FWP

Pricing Term Sheet

Dated June 16, 2015

  

Issuer Free Writing Prospectus

Filed Pursuant to Rule 433

Registration Statement No. 333-195738

Supplementing the Preliminary

Prospectus Supplement dated June 15, 2015

(To Prospectus dated May 6, 2014)

Radian Group Inc.

$350,000,000 5.250% Senior Notes due 2020

 

Issuer:    Radian Group Inc. (“Radian”)
Securities:    5.250% Senior Notes due 2020 (the “Notes”)
Anticipated Ratings*:    B2 (Moody’s) / B (S&P)
Aggregate principal amount offered:    $350,000,000
Price to Public:    100% of principal amount plus accrued interest, if any, from June 19, 2015
Proceeds to Issuer Before Expenses:    $344,312,500
Maturity date:    June 15, 2020
Trade date:    June 16, 2015
Settlement date:    June 19, 2015
Coupon:    5.250%
Interest payment dates:    Semi-annually on June 15 and December 15 of each year, beginning on December 15, 2015
Interest record dates:    June 1 and December 1
Benchmark Treasury:    UST 1.500% due May 31, 2020
Benchmark Treasury Price    99-06  3/4
Benchmark Treasury Yield    1.667%
Spread to Benchmark Treasury:    T + 358 bps
Yield to Maturity:    5.250%
Ranking:    Senior Unsecured
Redemption:    Radian may redeem the Notes, in whole or in part, at its option at any time or from time to time prior to maturity at a redemption price equal to the greater of (i) 100% of the aggregate principal amount of the Notes to be redeemed and (ii) the make-whole amount, which is the sum of the present values of the remaining scheduled payments of principal and interest in respect of the Notes to be redeemed discounted at the Treasury Rate plus 50 basis points, plus, in each case, accrued interest thereon to, but excluding, the redemption date.
CUSIP:    750236 AS0
ISIN:    US750236AS04
Bookrunning Managers:   

Goldman, Sachs & Co.

BofA Merrill Lynch

Deutsche Bank Securities


*Note: A securities rating is not a recommendation to buy, sell or hold securities and may be subject to revision or withdrawal at any time.

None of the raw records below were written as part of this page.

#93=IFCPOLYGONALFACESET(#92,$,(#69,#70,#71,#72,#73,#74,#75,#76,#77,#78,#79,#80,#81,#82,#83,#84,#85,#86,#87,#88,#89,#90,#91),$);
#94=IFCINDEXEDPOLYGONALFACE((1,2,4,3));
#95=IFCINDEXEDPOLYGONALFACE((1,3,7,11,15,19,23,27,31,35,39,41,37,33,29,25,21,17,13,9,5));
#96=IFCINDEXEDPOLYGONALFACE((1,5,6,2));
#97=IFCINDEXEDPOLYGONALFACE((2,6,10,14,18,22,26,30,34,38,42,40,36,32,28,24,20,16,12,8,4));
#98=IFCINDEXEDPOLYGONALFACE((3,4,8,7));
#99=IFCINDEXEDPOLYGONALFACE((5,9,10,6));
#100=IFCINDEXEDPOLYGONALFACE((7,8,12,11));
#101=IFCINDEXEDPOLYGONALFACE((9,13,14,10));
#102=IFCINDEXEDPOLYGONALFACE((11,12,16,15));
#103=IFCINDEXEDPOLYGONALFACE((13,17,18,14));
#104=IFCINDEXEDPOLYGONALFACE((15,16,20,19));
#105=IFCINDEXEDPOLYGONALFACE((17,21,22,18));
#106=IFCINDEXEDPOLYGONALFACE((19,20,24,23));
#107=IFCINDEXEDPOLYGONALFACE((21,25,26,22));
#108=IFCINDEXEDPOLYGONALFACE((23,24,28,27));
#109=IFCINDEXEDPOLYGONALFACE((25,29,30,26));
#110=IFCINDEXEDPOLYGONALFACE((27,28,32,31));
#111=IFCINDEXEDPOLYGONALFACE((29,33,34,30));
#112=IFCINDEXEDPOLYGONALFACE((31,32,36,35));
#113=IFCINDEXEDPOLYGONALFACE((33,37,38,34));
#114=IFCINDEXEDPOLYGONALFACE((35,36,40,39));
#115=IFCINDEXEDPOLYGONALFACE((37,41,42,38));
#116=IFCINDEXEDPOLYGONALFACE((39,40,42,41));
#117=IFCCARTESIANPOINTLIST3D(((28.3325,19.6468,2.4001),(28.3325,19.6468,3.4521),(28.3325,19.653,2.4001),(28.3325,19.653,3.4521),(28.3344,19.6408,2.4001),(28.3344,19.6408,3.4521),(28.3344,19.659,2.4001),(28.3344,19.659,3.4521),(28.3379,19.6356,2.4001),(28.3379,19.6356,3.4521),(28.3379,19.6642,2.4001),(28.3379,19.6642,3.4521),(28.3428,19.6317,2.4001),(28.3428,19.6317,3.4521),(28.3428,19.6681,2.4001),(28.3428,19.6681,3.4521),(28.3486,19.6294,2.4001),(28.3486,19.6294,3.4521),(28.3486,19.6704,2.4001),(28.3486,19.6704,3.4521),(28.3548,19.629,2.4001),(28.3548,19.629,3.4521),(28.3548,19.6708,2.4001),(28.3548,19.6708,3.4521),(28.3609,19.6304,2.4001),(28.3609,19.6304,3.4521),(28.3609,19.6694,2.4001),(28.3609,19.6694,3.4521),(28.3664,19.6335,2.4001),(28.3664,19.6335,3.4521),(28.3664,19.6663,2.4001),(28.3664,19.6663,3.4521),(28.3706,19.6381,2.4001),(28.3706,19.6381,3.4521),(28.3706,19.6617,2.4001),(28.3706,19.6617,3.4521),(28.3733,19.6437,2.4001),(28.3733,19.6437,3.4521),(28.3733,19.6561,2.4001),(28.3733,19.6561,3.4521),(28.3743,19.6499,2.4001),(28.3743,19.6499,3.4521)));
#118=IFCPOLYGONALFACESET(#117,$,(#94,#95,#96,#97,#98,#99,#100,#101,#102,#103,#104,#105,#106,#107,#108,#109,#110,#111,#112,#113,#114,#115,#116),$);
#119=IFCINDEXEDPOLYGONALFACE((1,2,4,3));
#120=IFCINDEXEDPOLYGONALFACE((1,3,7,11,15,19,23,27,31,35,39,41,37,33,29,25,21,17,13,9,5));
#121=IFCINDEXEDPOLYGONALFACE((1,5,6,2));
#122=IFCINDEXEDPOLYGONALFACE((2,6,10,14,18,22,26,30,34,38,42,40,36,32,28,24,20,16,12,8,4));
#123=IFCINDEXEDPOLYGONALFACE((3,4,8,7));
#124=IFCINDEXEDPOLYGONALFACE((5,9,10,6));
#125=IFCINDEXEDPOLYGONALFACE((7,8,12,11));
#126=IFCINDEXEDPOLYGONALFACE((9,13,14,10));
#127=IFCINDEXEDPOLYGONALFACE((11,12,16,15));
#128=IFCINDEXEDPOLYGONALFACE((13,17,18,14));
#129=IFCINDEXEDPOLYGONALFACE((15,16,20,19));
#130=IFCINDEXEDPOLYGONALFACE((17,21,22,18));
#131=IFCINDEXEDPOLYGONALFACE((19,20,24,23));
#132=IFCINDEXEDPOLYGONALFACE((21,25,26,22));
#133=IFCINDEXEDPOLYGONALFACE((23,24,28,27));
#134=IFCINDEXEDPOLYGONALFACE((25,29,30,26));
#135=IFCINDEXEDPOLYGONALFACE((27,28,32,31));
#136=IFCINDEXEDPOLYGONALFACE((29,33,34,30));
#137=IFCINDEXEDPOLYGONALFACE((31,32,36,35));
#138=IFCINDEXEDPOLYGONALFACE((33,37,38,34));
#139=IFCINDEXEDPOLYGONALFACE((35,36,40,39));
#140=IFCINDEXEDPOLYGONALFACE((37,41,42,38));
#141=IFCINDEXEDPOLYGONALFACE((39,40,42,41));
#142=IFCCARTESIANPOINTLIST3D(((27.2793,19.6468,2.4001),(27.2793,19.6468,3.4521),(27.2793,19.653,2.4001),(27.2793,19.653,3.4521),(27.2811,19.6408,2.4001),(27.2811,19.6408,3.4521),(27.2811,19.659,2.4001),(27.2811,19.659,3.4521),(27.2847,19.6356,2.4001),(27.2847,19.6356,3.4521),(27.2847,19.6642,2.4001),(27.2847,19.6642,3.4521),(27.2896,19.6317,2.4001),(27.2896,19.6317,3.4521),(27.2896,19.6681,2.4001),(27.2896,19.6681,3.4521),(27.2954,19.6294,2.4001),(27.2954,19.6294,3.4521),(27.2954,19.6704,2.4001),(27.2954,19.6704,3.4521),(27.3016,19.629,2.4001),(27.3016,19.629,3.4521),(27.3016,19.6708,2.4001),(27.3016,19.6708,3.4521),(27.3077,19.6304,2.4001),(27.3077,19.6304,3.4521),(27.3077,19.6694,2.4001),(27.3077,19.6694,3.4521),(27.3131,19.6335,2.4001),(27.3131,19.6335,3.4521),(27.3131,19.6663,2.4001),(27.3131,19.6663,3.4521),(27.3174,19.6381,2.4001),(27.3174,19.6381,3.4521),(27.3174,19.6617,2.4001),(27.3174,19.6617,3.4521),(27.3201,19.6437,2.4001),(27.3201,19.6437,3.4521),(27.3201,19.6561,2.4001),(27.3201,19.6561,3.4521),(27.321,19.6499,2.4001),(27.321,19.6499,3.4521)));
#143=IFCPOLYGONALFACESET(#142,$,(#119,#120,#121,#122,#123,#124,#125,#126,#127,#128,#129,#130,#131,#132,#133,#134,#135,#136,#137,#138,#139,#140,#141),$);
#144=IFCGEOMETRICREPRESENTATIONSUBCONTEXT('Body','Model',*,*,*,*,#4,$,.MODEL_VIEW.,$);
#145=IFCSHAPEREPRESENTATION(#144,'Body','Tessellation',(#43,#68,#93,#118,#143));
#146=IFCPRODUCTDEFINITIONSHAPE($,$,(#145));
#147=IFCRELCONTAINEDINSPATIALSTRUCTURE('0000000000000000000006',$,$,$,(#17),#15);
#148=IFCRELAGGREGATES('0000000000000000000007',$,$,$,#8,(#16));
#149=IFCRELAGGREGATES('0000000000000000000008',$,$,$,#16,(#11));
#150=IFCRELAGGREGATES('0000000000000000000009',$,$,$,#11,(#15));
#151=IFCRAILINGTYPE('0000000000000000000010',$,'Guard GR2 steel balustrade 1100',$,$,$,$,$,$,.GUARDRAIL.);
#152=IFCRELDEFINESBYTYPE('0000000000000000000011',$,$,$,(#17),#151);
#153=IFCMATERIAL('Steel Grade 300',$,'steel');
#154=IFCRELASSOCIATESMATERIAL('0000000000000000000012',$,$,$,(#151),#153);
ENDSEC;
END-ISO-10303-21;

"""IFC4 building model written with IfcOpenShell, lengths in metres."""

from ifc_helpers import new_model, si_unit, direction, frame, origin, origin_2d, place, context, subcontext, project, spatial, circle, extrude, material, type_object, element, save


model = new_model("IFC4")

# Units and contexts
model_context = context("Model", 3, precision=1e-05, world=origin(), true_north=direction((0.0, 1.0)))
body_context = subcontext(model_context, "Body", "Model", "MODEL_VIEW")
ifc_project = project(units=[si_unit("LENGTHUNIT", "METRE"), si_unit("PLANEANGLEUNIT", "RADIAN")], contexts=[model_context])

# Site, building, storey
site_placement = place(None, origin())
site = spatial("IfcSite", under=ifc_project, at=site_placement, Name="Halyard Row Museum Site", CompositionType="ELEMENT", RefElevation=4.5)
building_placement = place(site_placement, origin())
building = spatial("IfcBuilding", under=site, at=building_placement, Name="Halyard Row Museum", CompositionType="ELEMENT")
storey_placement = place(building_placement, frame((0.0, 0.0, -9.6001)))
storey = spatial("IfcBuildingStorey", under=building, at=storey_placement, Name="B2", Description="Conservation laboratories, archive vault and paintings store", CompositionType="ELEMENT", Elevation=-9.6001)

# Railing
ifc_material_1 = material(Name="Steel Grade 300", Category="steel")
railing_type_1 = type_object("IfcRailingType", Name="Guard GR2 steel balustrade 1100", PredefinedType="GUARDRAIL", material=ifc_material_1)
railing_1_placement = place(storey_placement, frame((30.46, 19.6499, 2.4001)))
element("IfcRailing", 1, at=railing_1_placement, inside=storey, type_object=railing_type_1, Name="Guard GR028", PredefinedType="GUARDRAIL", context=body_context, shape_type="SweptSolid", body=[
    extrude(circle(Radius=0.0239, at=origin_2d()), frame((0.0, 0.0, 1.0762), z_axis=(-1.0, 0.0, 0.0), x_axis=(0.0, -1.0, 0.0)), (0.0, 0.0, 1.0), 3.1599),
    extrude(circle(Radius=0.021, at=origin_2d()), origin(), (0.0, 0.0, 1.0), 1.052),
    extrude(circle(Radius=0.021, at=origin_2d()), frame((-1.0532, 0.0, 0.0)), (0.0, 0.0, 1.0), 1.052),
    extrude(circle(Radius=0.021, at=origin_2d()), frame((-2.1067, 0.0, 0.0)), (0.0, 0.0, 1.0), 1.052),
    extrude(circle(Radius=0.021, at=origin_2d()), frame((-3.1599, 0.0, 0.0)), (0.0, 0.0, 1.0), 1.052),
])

Radian has filed a registration statement (including the preliminary prospectus supplement, dated June 15, 2015, and an accompanying prospectus, dated May 6, 2014) with the Securities and Exchange Commission, or SEC, for the Notes offering to which this communication relates. Before you invest, you should read the preliminary prospectus supplement, and the accompanying prospectus in the registration statement and the other documents Radian has filed with the SEC for more complete information about Radian and the Notes offering. You may get these documents for free by visiting EDGAR on the SEC website at http://www.sec.gov. Alternatively, copies may be obtained from Goldman, Sachs & Co., Attn: Prospectus Department, 200 West Street, New York, NY 10282, by calling (866) 471-2526 or by emailing prospectus-ny@ny.email.gs.com, from Deutsche Bank Securities, Attn: Prospectus Department, 100 Plaza One, Jersey City, New Jersey 07311, (Tel): 1-800-503-4611, prospectusrequest@list.db.com and from BofA Merrill Lynch, 222 Broadway, New York, NY 10080, Attn: Prospectus Department, (Tel): 1-800-294-1322, dg.prospectus_requests@baml.com.

ANY DISCLAIMERS OR OTHER NOTICES THAT MAY APPEAR BELOW ARE NOT APPLICABLE TO THIS COMMUNICATION AND SHOULD BE DISREGARDED. SUCH DISCLAIMERS OR OTHER NOTICES WERE AUTOMATICALLY GENERATED AS A RESULT OF THIS COMMUNICATION BEING SENT VIA BLOOMBERG OR ANOTHER EMAIL SYSTEM.